Rye Hunt’s family face agonising wait to confirm if a body found on beach is Australian backpacker
DESPITE a body matching missing Australian Rye Hunt washing ashore on a Rio de Janeiro beach, family still face a long wait.
THE family of missing Australian backpacker Rye Hunt face an agonising wait to find out if an unidentified body uncovered on a beach in Rio de Janeiro is that of their lost loved one.
Residents found the body, suspected to be that of Mr Hunt, washed ashore on the idyllic Guaratiba beach in the district of Marica, 50km from the centre of Rio, early on Wednesday local time.
In an emailed statement, Mr Hunt’s family members said they’d been told by Australian authorities a body had been found, but there had been no confirmation that the body was that of the missing backpacker.
Yet despite receiving images of the body from Brazilian media, Mr Hunt’s sister, Romany Brodribb, told O Globo “relatives had no access to the body” and faced a 10-day wait for a DNA result to confirm whether the body matched that of Mr Hunt.
She said the family were unaware of what clothes were found on the body, despite reports the clothing matched that of the 25-year-old Tasmanian.
It is believed Mr Hunt’s uncle, Michael Wholohan, who is in Rio de Janeiro to help in the search for his nephew, has already given a DNA sample to police.
It will be this sample that confirms or denies the identity of the body.
Early Wednesday, Rio residents noticed vultures on the white sand and then spotted a clothed, decomposed body covered in sand, a local journalist Romario Barros, who attended the scene, told AAP.
Two firemen arrived and put the body, which was dressed in blue shorts and a light-coloured shirt, in a black body bag, Barros said.
Military police registered the find and the body is being sent to the Legal Medical Institute in the nearby city of Niteroi for identification.
No one quite knows exactly what happened to the Tasmanian on the night of May 22, when he is alleged to have mistakenly consumed the “highly potent hallucinogen and psychedelic” drug NBOMe, instead of what he thought was MDMA.
It is alleged Mr Hunt inhaled the drug NBOMe, believing it was MDMA, before undergoing a psychotic episode and swimming to the uninhabited island of Cotonduba.
But Brazilian police spokeswoman Ellen Souto confirmed authorities were “well convinced” the Australian attempted to leave Cotonduba, located off the coast of Rio about 1km from Copacabana, but “failed” in his task.

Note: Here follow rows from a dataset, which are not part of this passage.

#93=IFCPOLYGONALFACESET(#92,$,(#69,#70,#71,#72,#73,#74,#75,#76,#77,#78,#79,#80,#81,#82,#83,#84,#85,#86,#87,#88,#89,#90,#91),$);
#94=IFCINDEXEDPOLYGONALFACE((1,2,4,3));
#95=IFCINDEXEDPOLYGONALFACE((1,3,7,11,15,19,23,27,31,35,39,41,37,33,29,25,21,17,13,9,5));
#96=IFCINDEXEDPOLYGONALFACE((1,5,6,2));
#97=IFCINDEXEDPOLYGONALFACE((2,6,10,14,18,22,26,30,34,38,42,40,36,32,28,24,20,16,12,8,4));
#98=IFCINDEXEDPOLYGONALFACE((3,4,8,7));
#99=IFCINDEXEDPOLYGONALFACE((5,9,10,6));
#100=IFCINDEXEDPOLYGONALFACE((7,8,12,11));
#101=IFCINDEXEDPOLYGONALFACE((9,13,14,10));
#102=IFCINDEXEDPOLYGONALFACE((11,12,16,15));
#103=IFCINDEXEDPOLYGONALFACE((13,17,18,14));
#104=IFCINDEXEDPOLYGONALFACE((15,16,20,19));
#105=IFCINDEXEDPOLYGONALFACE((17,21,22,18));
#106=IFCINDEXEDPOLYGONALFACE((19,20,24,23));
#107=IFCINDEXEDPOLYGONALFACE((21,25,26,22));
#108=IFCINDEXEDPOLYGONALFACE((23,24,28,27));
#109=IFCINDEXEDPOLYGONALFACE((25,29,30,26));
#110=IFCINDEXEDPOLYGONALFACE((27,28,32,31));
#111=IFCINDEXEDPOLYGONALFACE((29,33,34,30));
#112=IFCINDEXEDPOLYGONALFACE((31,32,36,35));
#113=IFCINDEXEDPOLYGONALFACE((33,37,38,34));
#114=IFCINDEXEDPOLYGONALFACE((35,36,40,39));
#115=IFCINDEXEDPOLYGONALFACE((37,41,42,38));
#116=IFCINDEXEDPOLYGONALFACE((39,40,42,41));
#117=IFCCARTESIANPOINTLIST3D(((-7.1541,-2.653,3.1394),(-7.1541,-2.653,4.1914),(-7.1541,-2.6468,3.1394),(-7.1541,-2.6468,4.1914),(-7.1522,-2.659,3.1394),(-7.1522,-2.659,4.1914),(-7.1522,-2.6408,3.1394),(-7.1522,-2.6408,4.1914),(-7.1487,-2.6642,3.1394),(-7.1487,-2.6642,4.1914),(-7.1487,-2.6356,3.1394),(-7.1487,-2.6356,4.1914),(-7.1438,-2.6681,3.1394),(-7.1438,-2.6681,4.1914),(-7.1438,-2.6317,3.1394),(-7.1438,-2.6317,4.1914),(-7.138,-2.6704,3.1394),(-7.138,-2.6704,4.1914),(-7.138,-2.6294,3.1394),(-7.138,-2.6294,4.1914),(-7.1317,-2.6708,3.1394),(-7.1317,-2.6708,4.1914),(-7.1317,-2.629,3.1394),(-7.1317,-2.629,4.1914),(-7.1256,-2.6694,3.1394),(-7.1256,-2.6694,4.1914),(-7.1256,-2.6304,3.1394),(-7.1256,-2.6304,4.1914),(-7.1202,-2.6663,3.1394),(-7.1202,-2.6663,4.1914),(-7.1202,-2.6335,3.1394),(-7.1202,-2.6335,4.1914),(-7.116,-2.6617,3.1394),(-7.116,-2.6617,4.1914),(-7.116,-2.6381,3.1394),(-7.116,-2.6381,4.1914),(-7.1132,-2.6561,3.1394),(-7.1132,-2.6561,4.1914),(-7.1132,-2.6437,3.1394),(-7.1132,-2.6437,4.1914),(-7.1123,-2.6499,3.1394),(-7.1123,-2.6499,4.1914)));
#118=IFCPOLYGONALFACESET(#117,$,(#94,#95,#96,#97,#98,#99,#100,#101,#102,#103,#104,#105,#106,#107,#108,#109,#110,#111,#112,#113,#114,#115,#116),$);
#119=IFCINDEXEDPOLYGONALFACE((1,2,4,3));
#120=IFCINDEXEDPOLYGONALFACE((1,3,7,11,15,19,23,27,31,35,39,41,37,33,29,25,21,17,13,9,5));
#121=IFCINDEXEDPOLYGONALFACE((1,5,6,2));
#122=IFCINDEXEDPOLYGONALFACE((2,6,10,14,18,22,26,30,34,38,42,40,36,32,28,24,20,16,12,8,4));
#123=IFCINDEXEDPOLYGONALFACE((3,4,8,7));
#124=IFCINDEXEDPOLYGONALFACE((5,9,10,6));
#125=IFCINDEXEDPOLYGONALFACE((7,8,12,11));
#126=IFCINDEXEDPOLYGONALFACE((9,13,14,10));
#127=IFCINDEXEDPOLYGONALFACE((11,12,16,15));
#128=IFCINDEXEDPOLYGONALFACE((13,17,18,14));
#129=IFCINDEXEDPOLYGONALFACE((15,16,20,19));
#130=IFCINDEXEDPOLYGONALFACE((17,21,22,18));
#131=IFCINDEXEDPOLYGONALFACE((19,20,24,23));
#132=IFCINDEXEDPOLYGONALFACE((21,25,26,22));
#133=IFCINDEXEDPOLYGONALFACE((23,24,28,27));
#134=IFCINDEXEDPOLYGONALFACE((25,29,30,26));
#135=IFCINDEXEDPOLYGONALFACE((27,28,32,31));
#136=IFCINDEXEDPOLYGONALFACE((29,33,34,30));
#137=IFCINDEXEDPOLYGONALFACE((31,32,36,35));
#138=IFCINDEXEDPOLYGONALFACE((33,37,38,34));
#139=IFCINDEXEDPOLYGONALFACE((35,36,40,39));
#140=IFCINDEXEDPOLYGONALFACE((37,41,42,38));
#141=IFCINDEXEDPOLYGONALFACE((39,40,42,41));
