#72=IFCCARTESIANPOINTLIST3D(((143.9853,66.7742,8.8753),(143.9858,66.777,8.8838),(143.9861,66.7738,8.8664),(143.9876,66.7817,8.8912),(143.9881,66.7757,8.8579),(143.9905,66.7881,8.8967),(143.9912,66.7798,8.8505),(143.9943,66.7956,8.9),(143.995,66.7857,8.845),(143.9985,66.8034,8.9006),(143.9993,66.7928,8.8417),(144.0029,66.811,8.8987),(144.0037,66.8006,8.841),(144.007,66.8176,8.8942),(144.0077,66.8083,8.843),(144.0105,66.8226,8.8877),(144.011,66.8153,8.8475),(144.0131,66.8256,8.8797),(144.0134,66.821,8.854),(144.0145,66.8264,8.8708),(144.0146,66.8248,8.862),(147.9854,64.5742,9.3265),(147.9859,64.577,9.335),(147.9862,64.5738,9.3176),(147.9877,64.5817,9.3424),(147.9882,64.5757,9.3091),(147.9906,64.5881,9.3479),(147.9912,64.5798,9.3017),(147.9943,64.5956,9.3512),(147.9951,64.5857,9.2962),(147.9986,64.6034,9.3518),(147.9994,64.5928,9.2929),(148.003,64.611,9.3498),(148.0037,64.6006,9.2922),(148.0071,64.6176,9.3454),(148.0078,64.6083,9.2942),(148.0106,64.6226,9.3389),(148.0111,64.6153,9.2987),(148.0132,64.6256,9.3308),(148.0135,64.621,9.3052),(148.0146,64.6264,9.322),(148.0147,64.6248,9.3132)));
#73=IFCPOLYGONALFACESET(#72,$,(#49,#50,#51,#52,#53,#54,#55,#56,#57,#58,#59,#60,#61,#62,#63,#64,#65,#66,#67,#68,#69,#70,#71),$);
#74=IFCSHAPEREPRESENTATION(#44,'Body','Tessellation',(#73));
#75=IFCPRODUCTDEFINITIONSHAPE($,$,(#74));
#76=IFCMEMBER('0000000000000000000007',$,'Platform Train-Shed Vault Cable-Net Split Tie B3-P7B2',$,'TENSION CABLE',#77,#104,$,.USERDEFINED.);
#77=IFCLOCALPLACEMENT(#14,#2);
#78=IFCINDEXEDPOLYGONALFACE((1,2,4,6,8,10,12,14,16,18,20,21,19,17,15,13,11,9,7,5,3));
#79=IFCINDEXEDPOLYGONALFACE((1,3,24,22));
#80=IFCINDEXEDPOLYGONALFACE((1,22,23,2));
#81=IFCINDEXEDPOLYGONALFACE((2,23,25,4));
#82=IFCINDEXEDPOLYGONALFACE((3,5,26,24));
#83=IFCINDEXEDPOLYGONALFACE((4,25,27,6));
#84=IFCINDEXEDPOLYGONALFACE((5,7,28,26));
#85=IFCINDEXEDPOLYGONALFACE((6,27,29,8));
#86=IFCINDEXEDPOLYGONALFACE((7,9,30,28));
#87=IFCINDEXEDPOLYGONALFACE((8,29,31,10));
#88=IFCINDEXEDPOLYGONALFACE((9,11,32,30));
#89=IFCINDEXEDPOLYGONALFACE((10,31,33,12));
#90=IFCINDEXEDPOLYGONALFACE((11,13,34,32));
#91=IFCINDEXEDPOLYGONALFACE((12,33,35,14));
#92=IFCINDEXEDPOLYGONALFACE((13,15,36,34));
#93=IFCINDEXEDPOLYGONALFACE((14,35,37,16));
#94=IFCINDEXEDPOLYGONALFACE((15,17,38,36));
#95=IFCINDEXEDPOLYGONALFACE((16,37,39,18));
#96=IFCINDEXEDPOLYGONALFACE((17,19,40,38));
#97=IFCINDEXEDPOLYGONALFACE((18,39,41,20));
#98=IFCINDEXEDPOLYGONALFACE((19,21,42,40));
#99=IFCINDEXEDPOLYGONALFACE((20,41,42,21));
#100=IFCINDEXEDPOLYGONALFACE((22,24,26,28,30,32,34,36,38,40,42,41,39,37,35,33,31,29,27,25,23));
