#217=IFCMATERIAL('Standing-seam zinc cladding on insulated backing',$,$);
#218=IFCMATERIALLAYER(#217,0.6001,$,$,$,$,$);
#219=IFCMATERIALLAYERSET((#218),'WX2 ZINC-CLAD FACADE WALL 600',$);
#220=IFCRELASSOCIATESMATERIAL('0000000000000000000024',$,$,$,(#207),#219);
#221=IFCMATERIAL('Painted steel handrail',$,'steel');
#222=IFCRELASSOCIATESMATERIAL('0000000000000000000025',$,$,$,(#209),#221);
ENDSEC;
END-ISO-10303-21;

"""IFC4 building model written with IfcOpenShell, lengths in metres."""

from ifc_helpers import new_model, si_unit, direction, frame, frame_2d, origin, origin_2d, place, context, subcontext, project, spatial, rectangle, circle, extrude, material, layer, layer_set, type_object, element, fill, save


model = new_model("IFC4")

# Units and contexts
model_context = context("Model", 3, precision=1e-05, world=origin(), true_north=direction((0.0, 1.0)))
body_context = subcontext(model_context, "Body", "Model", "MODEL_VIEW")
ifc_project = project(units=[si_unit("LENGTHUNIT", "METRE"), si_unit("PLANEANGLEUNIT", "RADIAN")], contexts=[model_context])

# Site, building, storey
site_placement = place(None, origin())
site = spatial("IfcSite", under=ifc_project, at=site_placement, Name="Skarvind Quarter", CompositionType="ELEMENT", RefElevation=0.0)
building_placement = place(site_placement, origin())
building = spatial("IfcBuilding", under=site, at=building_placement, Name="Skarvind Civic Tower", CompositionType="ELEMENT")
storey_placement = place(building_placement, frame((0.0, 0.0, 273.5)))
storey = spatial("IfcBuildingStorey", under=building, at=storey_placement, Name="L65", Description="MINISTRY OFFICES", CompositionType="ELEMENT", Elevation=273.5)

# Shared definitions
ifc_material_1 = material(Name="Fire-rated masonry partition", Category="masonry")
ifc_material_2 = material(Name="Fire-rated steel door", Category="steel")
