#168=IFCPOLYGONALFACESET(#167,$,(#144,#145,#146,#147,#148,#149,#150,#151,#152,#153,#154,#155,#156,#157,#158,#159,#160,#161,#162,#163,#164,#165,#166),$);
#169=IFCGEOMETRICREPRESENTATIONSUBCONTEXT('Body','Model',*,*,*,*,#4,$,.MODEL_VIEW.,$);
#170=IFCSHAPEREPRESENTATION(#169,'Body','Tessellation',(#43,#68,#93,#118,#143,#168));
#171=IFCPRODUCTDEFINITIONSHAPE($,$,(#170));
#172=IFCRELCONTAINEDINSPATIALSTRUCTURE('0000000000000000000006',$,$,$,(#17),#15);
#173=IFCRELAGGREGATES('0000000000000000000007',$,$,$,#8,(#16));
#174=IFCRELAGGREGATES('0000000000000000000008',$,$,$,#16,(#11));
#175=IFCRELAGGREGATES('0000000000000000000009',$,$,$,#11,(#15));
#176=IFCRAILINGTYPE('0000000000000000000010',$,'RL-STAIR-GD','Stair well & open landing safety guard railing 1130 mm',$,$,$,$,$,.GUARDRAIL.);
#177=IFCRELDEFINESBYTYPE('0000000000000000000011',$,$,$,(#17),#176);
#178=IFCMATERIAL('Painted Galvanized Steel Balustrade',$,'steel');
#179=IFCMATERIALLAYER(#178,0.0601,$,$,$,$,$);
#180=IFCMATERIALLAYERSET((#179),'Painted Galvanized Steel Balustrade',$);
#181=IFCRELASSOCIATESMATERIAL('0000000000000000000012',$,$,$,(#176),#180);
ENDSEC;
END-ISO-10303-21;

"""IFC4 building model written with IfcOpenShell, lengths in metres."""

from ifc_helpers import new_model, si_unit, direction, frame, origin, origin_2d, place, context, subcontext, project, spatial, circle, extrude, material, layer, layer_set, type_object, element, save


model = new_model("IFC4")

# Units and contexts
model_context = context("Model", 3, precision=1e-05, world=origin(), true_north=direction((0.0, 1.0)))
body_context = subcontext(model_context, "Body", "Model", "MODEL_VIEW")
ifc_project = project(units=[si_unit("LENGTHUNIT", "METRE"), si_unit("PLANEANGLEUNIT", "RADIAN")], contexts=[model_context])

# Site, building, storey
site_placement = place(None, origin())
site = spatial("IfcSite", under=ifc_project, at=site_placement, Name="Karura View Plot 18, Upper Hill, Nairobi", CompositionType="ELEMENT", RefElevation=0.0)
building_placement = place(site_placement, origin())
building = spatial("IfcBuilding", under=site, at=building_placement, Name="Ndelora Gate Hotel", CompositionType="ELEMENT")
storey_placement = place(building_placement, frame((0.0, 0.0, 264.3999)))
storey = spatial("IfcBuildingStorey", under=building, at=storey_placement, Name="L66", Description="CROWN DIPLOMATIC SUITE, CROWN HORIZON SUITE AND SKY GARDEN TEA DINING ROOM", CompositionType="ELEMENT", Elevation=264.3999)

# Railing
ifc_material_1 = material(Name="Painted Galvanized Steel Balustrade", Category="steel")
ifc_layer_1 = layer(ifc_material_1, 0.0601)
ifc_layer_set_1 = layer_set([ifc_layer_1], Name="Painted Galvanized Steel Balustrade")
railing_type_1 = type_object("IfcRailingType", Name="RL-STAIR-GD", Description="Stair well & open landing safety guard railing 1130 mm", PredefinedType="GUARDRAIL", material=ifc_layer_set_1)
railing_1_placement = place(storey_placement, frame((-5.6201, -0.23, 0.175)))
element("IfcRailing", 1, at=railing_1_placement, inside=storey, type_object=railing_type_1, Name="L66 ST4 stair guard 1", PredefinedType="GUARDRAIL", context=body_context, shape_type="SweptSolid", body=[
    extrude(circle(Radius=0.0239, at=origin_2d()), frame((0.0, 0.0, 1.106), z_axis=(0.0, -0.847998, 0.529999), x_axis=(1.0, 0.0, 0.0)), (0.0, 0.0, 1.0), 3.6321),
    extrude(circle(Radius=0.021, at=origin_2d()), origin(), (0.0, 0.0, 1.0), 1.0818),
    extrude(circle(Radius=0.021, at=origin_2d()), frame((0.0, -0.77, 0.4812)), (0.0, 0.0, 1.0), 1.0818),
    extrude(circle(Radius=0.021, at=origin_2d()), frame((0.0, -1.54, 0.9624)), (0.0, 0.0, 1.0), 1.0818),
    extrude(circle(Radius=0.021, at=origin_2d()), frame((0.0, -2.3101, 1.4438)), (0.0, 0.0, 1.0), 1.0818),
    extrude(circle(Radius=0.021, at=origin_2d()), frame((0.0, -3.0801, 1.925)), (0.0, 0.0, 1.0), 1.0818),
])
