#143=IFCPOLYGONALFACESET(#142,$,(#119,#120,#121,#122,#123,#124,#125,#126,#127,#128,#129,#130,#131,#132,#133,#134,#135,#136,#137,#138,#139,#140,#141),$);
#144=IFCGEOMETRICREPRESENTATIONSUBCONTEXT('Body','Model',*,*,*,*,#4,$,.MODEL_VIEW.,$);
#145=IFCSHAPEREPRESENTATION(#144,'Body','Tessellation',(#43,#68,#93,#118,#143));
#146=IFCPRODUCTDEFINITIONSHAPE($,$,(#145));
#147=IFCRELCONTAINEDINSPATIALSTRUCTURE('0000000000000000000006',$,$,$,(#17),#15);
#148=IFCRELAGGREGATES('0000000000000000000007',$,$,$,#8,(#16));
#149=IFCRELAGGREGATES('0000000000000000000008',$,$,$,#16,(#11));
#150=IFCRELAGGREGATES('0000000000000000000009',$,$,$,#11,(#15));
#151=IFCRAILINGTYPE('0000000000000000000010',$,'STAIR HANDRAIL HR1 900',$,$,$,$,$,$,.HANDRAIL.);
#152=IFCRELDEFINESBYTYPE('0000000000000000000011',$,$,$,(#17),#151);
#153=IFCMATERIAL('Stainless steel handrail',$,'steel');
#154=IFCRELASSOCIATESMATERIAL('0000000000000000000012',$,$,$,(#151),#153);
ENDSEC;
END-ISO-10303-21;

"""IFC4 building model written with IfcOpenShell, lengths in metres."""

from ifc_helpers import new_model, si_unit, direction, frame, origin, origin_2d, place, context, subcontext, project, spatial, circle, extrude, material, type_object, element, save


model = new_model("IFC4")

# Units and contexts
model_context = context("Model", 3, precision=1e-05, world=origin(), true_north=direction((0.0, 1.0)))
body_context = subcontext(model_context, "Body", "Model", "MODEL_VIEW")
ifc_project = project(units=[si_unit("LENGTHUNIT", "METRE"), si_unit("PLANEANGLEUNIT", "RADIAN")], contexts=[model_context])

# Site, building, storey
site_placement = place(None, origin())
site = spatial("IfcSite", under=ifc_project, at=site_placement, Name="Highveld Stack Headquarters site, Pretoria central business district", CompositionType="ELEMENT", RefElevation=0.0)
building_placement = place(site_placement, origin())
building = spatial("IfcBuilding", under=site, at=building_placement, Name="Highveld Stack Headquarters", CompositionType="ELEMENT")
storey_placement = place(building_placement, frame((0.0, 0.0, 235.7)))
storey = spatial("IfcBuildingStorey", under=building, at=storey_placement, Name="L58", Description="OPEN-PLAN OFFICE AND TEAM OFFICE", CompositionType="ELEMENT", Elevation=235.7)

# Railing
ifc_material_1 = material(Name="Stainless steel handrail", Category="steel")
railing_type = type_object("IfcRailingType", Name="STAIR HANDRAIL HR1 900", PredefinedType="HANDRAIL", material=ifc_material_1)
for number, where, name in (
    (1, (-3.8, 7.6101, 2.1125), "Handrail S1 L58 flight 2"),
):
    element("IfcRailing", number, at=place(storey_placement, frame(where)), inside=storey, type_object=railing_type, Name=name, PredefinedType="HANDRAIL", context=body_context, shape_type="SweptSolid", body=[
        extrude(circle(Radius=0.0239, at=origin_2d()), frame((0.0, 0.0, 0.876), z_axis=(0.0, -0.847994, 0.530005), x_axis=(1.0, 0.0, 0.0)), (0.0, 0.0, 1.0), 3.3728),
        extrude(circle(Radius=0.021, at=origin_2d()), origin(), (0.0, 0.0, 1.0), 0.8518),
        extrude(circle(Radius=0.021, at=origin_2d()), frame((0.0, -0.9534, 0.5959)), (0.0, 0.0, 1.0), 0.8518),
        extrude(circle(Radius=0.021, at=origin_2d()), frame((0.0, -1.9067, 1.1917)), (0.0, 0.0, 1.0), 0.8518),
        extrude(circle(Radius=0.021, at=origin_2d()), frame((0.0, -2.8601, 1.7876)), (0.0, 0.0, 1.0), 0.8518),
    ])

A fisherman, who wished to remain anonymous, told Rio’s newspaper O Globo he had “no doubt” he saw Mr Hunt on Cotunduba Island, the day after his official disappearance on May 21.
He said he first spotted the man, allegedly Mr Hunt, sitting on a rock. He eventually swum up to the Brazilian and his girlfriend and requested water. He was suffering “various injuries and seemed upset”.
“The boy stared at my craft,” he said.
“He had several cuts [to] the body: probably hurt [from] shellfish attached to the island’s rocks. “My girlfriend and I were scared because he was a strong man. He went down near the water and made gestures asking for water. I asked him not to jump in the sea. I grabbed a 1.5 litre bottle of water. He drank it all at once.”
Mr Hunt went missing on May 21 after he argued with his travelling companion, Mitchell Sheppard, at Galeao International Airport in Rio.
Police believe the backpacker argued with Mr Sheppard, with whom he had taken MDMA hours earlier, at the airport and returned to Copacabana and checked into an apartment.